Jakub zachęcał młodych, by 22 października oddawali krew w Regionalnym Centrum Krwiodawstwa i Krwiolecznictwa przy ul. Limanowskiego 42 w Radomiu oraz w swoich miejscowościach. Utworzył wydarzenie na Facebooku, zapraszał młodych do wzięcia udziału w akcji.
- Zachęcałem ich do niesienia dobra. Zainspirowały mnie pewne posty na Facebooku pod dyskusją na temat szturmu młodzieży chociażby na Galerię Słoneczną. Ludzie pisali, że młodzi mogliby zrobić coś pożytecznego, np. oddać krew. Pomyślałem sobie, że to jest dobry pomysł. Na Facebooku ponad 40 osób zadeklarowało, że weźmie udział w akcji. Zapraszałem do oddawania krwi nie tylko w Radomiu. Mam kilku znajomych z KSM-u, którzy zadeklarowali, że oddadzą ją w swoich miejscowościach - opowiada Jakub.
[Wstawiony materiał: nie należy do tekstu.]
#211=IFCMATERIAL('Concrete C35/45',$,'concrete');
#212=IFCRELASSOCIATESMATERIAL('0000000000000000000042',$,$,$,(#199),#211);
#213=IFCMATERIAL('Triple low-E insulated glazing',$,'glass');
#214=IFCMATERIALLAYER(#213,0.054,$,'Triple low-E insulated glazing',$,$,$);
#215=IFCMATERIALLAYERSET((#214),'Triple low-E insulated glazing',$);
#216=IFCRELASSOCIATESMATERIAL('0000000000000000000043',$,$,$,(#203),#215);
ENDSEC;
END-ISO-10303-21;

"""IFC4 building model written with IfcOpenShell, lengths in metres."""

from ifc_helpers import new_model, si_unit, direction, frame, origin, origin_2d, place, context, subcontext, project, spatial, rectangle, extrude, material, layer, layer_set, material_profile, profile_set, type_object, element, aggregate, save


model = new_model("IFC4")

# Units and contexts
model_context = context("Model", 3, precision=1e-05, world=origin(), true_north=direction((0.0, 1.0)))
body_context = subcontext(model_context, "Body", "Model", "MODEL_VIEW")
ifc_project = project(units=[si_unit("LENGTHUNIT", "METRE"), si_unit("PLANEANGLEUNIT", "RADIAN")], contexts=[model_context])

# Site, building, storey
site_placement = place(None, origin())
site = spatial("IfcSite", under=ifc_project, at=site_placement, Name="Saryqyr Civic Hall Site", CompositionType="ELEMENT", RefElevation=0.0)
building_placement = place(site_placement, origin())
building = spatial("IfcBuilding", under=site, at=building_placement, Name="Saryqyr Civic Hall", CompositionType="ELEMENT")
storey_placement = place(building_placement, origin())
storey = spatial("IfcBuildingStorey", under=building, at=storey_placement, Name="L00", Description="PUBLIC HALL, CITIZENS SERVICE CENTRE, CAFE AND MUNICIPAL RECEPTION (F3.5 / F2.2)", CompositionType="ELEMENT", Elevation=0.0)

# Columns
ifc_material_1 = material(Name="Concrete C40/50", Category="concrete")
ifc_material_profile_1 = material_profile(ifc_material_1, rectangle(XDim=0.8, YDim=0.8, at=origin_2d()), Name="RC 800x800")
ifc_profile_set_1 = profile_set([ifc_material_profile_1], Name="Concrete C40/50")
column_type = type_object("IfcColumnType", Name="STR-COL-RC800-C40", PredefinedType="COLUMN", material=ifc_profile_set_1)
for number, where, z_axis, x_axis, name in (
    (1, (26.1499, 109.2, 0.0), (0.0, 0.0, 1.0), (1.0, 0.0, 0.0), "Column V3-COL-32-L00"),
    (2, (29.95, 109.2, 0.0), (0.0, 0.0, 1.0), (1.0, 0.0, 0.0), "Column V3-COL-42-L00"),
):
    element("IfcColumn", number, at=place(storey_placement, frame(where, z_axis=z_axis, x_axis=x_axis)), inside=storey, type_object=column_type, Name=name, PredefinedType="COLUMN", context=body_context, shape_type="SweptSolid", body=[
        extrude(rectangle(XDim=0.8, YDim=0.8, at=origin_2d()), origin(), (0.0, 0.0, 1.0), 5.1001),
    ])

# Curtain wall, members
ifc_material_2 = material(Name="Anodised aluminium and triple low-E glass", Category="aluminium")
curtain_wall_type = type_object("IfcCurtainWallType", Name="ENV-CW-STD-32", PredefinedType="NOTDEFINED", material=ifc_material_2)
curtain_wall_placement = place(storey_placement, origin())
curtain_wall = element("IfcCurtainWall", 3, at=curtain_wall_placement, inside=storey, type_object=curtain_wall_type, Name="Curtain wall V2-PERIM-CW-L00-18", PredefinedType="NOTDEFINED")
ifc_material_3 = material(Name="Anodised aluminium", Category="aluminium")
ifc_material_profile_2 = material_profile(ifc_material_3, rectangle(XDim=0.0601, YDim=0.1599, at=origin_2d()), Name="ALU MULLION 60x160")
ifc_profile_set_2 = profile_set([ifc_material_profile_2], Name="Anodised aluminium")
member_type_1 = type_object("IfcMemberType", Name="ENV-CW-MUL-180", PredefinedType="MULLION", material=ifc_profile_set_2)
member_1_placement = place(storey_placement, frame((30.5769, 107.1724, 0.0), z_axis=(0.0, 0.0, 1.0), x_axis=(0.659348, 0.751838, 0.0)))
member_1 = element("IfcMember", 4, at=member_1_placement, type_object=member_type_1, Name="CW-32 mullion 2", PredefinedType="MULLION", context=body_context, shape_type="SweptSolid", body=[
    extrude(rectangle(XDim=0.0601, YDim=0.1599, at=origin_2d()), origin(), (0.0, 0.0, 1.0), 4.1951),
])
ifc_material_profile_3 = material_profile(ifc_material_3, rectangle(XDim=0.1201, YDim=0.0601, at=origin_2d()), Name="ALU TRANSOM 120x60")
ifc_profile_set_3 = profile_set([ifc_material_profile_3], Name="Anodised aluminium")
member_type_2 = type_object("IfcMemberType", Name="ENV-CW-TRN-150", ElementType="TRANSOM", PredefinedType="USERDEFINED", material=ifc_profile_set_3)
Kuba zainicjował akcję, ponieważ chciał nieść dobro. - Stwierdziłem, że wykorzystując siłę młodzieży, która jest ogromna, można zrobić coś fajnego. Oddanie krwi tak naprawdę nic nas nie kosztuje. Trzeba tylko przyjść do Centrum Krwiodawstwa. To jest tylko kwestia dobrej woli, chęci i poświęcenia temu trochę czasu - tłumaczy.
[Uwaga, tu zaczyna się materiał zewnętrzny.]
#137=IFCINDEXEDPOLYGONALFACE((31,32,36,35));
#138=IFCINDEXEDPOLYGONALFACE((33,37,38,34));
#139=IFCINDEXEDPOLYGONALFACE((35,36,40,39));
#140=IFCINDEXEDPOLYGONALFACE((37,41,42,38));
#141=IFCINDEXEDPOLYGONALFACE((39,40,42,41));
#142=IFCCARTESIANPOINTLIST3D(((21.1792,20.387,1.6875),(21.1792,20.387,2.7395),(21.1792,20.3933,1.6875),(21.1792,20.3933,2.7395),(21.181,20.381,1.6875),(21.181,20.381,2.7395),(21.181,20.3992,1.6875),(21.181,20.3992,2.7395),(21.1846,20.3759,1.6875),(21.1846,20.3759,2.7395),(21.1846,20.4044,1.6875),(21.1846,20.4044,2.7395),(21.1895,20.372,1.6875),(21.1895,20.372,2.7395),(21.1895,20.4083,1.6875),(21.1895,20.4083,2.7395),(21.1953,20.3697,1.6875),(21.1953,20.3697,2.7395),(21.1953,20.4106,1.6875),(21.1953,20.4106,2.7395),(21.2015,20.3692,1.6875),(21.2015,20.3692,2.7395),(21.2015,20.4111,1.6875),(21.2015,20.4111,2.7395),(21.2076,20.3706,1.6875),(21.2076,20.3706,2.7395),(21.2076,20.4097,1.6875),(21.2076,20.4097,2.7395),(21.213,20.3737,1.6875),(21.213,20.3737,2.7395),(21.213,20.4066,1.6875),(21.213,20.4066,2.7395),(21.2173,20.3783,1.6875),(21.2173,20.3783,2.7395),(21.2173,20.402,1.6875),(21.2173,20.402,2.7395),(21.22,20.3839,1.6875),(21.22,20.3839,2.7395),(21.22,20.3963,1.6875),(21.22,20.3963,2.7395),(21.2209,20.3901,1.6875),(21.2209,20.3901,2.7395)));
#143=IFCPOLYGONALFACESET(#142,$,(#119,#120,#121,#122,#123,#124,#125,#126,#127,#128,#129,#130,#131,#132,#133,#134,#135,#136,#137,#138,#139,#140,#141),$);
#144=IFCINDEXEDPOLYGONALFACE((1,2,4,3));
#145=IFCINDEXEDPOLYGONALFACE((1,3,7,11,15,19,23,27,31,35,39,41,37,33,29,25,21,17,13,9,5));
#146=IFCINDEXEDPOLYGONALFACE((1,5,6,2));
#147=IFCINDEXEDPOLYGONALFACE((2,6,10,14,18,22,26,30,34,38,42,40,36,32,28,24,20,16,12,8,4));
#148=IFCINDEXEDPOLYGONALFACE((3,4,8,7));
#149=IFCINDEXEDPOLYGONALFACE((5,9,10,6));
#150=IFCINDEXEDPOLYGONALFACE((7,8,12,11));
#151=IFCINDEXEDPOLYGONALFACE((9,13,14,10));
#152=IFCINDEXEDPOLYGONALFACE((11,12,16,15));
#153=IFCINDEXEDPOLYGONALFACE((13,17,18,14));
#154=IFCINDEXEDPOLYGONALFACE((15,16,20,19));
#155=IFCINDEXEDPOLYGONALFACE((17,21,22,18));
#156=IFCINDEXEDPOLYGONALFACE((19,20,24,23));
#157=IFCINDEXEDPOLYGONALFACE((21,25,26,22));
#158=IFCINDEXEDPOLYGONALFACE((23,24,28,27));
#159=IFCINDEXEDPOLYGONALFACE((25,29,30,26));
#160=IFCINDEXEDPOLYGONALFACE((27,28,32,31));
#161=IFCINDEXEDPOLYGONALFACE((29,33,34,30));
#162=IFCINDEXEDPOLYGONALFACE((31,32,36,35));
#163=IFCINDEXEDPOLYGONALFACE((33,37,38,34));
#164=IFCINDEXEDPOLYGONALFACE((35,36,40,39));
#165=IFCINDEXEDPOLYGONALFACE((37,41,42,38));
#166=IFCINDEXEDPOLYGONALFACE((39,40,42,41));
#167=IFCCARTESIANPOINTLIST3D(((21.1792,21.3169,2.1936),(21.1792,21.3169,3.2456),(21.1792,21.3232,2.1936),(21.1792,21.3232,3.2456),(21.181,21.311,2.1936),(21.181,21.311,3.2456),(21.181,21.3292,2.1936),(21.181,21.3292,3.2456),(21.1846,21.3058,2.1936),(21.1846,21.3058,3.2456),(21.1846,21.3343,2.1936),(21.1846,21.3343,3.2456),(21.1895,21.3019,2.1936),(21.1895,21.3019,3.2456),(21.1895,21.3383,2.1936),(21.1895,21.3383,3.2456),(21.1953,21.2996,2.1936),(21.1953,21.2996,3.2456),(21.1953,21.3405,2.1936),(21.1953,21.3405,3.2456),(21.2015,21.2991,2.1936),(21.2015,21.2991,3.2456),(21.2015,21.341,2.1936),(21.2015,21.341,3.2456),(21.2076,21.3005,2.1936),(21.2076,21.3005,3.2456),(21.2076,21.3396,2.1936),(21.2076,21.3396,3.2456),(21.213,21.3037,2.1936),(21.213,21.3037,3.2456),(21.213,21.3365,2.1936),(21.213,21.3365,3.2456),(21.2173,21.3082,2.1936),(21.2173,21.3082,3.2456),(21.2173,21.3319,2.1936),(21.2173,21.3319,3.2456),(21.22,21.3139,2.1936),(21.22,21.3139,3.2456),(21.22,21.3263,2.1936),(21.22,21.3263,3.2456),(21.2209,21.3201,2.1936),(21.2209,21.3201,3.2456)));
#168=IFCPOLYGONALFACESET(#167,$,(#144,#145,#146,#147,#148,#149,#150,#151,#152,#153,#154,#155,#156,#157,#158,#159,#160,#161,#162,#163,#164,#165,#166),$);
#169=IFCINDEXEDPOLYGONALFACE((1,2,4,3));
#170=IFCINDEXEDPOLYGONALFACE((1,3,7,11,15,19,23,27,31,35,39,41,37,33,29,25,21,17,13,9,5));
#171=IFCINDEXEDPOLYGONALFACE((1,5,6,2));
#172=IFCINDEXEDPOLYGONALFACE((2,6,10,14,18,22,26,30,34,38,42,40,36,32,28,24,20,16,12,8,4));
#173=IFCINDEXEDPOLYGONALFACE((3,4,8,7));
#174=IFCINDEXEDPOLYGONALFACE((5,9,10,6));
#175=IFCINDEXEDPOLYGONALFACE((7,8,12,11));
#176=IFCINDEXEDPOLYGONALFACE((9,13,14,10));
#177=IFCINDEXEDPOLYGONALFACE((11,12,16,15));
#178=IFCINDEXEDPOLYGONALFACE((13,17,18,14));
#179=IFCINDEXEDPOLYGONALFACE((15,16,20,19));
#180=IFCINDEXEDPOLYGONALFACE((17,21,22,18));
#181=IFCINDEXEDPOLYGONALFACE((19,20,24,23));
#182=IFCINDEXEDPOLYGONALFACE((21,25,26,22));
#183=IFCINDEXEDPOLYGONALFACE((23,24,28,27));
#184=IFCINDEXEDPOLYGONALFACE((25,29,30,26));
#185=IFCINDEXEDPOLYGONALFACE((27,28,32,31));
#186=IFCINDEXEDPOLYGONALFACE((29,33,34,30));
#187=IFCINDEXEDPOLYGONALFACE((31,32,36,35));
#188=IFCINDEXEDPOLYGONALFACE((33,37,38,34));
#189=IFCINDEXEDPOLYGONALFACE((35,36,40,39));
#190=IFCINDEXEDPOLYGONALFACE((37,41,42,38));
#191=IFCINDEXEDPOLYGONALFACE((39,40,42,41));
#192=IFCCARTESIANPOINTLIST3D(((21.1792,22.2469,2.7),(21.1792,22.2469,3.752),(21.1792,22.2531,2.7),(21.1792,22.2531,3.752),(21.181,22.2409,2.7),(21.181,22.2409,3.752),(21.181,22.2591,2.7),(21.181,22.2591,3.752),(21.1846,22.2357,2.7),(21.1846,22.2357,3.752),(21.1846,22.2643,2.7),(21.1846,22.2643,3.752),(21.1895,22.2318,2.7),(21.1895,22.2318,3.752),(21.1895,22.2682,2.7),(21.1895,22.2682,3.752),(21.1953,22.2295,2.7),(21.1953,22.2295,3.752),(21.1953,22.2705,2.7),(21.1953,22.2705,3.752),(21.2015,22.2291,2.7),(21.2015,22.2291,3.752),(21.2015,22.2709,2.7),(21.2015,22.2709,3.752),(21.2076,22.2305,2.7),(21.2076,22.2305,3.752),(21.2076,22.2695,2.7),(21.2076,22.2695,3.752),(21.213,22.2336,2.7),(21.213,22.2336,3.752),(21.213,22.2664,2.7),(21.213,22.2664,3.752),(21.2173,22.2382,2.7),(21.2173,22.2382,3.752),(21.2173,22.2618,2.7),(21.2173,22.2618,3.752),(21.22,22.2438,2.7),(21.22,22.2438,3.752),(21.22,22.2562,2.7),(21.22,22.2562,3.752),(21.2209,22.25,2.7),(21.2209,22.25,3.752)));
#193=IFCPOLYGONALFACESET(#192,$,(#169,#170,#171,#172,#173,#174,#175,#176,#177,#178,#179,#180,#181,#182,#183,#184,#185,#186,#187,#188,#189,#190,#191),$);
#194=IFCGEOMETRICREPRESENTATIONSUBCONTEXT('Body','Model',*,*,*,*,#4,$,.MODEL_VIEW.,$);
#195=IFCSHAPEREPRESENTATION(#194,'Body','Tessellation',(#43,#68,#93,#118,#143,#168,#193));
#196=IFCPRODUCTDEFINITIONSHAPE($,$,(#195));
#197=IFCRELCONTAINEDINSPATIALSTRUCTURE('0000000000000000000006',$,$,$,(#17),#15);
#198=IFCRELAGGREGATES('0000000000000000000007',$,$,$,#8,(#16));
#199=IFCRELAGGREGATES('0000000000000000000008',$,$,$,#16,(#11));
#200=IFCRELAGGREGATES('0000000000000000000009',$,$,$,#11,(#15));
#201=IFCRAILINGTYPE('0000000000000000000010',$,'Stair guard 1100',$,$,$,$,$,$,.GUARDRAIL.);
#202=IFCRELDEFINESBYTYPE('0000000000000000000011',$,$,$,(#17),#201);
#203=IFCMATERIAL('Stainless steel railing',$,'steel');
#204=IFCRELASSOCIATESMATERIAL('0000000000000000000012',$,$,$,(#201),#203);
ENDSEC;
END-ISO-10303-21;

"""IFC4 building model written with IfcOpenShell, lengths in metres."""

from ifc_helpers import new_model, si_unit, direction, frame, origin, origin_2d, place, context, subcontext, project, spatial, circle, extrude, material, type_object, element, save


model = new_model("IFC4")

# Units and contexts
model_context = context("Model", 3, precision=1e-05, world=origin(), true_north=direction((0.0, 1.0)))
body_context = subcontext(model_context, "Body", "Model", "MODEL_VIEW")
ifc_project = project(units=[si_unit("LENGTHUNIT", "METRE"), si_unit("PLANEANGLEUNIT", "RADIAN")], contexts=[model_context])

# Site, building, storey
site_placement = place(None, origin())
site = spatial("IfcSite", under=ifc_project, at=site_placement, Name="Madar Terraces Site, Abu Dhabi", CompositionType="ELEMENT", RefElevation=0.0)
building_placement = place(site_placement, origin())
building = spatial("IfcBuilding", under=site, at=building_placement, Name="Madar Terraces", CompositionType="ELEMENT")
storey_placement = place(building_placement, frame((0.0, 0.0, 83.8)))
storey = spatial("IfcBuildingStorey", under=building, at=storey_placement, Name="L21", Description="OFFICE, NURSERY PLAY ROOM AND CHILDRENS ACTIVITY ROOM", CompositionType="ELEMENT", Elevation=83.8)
Jakub che powtórzyć akcję za rok, tylko na większą skalę. - Krew jest bardzo ważna. Jest na wagę złota. Krwi brakuje. Nawet jeżeli odda ją kilka osób, to już będzie dobrze - mówi.
Razem z Kubą krew oddała Weronika Mucha z oddziału KSM na radomskiej Koziej Górze.
- Jestem pod wrażeniem tej inicjatywy. Od bardzo dawna myślałam, żeby oddawać krew. Wiem, że mam bardzo przydatną grupę - 0 Rh+. Chcę pomóc innym ludziom i dać cząstkę siebie. Może w ten sposób uratuję komuś życie - mówi kaesemowiczka.